It's a historic decision that is sure to reshape the U.K.'s place in the world and have huge implications on the global economy.

In fact, the British pound has already fallen 10% — to a 30-year low — and Asian and American stock markets are currently tumbling.



Prime Minister David Cameron resigned shortly after the decision.

David Cameron resigning his post at 10 Downing Street in London. Photo by Adrian Dennis/AFP/Getty Images.

Although the vote is nonbinding and was extremely close ("leave" won with 53% of the vote in England and only 52% in Wales; "remain" won in Scotland and Northern Ireland), Cameron's exit signals a dramatic shift in the way the U.K. will be governed from now on.

"The British people have voted to leave the European Union," Cameron said in his exit speech. "And their will must be respected."

How the so-called "Brexit" (British exit) will affect the rest of the world remains to be seen, and its true implications will take years to come to fruition, but one alarming fact is emerging as the dust settles.

Underneath the vote is an all-too-familiar rise in xenophobia, anger, and a fear of immigrants.

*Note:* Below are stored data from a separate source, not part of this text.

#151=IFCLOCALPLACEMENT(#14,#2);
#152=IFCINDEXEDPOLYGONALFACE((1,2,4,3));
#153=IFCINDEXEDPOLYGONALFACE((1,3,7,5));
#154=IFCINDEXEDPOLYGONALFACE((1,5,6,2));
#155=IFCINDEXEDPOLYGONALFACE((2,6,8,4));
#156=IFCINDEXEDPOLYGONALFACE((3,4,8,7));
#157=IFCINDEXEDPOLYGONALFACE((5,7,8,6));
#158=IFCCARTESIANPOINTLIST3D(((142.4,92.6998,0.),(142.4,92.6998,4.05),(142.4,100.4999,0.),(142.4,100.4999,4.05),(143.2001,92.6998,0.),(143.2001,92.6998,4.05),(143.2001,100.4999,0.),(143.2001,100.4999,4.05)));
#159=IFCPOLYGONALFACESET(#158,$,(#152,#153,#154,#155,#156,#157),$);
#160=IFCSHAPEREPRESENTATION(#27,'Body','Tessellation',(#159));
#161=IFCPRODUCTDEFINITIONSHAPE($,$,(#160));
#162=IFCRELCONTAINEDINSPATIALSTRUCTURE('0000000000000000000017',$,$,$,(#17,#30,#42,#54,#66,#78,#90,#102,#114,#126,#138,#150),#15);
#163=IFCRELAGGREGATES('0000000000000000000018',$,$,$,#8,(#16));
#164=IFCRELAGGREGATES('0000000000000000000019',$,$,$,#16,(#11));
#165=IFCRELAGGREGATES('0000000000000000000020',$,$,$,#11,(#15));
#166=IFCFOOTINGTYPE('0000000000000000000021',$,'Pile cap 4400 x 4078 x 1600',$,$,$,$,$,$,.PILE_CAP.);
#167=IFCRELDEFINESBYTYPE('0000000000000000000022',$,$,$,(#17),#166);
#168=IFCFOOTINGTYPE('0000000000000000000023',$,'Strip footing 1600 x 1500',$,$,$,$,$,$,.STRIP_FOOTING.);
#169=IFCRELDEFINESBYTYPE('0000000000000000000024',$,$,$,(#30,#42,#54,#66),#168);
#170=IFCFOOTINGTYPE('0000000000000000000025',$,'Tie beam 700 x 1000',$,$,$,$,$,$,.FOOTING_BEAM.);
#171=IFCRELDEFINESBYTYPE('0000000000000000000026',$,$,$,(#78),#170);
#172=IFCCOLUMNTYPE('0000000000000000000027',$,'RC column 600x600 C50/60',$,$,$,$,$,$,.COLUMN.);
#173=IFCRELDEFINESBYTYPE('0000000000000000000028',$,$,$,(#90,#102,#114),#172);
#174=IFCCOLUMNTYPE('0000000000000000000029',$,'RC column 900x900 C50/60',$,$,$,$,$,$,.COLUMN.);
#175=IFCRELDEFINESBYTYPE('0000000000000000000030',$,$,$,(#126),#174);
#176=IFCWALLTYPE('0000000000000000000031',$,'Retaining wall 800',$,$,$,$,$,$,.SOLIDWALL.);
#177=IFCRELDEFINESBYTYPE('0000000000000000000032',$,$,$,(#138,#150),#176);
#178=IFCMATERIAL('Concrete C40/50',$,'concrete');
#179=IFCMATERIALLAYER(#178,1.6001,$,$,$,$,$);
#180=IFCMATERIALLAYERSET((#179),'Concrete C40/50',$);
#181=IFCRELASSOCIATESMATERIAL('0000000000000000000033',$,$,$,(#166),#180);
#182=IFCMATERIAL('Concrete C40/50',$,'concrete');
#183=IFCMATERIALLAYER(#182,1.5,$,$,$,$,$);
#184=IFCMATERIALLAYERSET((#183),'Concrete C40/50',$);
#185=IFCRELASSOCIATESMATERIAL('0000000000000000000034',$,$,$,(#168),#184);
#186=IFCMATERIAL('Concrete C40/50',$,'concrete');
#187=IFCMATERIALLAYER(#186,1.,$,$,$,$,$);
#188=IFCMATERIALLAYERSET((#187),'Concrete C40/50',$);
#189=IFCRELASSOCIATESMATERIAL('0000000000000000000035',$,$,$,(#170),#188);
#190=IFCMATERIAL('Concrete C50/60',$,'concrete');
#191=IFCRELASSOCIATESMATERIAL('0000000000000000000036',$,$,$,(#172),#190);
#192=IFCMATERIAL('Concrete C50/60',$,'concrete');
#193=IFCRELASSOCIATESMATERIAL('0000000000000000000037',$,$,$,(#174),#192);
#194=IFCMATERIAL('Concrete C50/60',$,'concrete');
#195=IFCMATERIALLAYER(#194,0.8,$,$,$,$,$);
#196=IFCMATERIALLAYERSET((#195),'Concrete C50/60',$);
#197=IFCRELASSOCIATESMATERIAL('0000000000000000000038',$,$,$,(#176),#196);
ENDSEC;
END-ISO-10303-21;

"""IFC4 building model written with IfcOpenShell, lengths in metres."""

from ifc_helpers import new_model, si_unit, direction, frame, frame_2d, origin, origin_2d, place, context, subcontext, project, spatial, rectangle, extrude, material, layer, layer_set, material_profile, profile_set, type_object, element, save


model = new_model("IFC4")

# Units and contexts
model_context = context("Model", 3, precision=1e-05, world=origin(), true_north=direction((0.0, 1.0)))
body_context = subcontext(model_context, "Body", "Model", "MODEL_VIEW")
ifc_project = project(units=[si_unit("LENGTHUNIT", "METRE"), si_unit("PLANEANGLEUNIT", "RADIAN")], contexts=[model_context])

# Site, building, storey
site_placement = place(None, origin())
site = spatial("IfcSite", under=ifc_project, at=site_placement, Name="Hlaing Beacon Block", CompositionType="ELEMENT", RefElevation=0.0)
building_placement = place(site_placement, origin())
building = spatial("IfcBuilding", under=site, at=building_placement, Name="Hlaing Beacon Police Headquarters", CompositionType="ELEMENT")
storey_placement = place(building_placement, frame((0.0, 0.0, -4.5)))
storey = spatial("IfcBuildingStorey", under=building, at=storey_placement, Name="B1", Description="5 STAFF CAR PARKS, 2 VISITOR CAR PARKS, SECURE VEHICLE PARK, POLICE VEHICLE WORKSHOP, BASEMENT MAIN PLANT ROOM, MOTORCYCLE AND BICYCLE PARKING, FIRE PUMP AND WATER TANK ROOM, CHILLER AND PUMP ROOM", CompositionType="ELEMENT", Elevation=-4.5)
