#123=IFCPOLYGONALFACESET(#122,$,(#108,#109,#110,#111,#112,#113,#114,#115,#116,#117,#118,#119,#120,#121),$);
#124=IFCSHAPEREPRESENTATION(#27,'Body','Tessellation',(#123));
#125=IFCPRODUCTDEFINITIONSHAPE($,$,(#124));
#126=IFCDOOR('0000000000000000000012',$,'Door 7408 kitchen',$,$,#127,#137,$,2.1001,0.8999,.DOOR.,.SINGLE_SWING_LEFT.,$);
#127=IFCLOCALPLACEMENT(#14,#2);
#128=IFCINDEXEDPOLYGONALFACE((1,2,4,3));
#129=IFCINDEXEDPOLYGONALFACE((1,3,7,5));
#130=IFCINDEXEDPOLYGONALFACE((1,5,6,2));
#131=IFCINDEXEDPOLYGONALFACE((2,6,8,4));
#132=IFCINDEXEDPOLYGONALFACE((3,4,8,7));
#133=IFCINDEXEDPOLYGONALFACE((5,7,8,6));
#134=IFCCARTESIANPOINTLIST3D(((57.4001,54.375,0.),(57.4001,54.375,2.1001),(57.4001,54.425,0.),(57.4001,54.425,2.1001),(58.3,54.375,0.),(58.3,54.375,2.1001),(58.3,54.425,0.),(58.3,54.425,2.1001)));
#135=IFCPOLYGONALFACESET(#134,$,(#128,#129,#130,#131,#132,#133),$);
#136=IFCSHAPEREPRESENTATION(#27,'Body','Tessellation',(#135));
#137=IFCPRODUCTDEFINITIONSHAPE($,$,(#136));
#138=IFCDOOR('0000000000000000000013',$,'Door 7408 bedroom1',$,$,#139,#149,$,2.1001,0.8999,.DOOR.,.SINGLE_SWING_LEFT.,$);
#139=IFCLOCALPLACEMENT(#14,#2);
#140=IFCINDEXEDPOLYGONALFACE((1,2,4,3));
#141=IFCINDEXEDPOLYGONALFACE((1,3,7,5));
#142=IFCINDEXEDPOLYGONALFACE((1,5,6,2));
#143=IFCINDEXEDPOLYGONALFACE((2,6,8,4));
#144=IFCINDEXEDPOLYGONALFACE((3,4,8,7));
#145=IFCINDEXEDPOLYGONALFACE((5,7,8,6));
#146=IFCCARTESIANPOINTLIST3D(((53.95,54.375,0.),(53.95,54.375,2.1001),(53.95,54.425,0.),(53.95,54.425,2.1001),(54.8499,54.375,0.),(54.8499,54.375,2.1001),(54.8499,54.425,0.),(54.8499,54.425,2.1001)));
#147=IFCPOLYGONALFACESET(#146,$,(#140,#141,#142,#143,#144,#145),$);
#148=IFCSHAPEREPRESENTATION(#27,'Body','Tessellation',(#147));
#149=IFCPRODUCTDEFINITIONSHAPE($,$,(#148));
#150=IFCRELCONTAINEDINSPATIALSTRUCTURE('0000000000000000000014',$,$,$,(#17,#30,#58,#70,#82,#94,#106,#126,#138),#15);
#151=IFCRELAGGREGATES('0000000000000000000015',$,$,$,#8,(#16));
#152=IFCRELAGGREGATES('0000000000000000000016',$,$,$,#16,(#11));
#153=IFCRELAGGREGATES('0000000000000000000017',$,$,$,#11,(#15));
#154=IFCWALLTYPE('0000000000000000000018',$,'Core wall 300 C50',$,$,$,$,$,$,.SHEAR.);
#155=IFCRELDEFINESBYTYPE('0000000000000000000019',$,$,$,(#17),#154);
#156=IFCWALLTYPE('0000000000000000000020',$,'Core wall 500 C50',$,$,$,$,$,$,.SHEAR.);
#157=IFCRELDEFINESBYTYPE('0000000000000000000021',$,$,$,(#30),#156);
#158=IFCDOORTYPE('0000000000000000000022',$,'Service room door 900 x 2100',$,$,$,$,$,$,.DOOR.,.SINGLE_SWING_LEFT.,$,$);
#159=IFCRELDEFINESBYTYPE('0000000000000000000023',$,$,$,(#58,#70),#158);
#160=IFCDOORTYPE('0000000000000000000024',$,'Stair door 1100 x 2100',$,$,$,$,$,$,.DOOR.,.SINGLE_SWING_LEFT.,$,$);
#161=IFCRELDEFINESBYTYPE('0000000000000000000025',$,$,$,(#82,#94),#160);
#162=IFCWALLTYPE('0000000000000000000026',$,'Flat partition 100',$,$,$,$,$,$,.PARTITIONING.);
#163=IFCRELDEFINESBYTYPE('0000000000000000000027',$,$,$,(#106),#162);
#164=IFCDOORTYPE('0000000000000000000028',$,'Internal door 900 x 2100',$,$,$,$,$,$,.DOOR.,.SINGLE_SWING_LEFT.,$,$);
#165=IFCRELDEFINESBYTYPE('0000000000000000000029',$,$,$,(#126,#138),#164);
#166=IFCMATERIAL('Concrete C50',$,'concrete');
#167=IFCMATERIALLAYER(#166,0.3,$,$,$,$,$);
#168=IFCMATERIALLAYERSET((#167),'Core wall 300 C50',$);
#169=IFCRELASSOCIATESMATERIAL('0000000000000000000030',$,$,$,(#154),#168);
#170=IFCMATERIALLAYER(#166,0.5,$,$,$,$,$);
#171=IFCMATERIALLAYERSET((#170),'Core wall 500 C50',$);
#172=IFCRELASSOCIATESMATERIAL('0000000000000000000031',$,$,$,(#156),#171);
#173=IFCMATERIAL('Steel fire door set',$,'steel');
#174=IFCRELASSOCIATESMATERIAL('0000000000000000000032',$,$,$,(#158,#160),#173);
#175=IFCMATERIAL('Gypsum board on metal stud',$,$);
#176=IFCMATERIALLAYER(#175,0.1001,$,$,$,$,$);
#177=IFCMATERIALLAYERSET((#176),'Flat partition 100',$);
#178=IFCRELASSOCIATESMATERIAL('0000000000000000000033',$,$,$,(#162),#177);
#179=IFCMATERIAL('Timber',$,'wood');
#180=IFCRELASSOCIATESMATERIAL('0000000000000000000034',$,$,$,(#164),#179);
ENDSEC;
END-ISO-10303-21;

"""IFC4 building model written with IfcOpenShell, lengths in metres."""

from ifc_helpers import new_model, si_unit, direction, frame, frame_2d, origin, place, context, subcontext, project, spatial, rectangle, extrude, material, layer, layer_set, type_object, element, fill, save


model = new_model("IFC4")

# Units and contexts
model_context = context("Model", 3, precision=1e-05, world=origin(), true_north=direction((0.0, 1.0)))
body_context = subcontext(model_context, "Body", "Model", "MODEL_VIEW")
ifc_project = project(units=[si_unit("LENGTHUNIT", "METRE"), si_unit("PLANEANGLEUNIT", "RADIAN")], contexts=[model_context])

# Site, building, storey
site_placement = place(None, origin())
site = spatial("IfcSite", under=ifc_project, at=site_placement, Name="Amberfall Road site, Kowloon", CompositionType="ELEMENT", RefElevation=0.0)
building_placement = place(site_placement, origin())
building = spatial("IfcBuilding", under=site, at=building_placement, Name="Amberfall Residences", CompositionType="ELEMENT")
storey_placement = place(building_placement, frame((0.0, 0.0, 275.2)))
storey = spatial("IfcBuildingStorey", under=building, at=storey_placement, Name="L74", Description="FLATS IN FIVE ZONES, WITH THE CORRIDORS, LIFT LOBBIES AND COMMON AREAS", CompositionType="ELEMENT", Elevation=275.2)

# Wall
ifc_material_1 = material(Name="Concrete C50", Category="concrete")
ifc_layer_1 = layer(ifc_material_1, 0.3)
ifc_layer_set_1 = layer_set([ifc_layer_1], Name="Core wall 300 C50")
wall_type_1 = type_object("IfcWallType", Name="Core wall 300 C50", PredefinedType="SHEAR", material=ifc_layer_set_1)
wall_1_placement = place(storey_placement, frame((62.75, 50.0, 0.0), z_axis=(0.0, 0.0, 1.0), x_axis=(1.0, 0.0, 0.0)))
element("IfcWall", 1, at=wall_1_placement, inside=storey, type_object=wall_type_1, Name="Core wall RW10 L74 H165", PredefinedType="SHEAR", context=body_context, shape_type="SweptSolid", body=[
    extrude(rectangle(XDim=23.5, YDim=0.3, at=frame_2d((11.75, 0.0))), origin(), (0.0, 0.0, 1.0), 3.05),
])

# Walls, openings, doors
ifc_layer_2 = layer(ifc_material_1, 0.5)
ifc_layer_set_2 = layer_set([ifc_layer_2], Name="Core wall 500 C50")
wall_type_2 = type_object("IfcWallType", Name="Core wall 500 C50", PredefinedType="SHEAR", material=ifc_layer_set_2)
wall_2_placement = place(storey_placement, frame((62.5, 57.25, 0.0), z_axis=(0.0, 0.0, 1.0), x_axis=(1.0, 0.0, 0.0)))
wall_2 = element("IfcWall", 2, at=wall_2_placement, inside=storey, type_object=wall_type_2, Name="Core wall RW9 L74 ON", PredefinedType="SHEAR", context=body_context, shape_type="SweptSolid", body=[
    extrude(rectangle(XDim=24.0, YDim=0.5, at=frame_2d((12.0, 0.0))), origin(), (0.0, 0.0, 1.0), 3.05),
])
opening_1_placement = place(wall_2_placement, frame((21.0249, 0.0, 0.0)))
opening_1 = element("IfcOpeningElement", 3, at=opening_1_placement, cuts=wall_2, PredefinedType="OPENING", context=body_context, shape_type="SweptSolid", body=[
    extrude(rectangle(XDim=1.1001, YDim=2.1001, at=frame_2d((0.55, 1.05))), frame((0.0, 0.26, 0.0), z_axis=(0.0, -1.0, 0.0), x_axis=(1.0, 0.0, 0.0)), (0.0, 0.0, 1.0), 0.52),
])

Between 1993 and 2014, the immigrant population in the U.K. more than doubled, from 3.8 million to around 8.3 million — many coming from India and Pakistan, but many more coming from other European countries like Poland, Ireland, and Germany.

The European Union, which has many functions, serves as a kind of facilitator to immigration. Citizens of the EU can more easily migrate to other EU member-states.

Immigration across various countries within the EU spiked between 2004 and 2014, increasing from 25% to nearly 50%. Such an influx in immigration caused a lot of tension, and as of a 2013 survey, nearly 60% of Britons stated that they wanted immigration to be reduced a lot.

Chart via The Migration Observatory, University of Oxford.

Enter Nigel Farage, who is sort of England's version of Donald Trump. He's the leader of UKIP, which is sort of the U.K.'s Tea Party.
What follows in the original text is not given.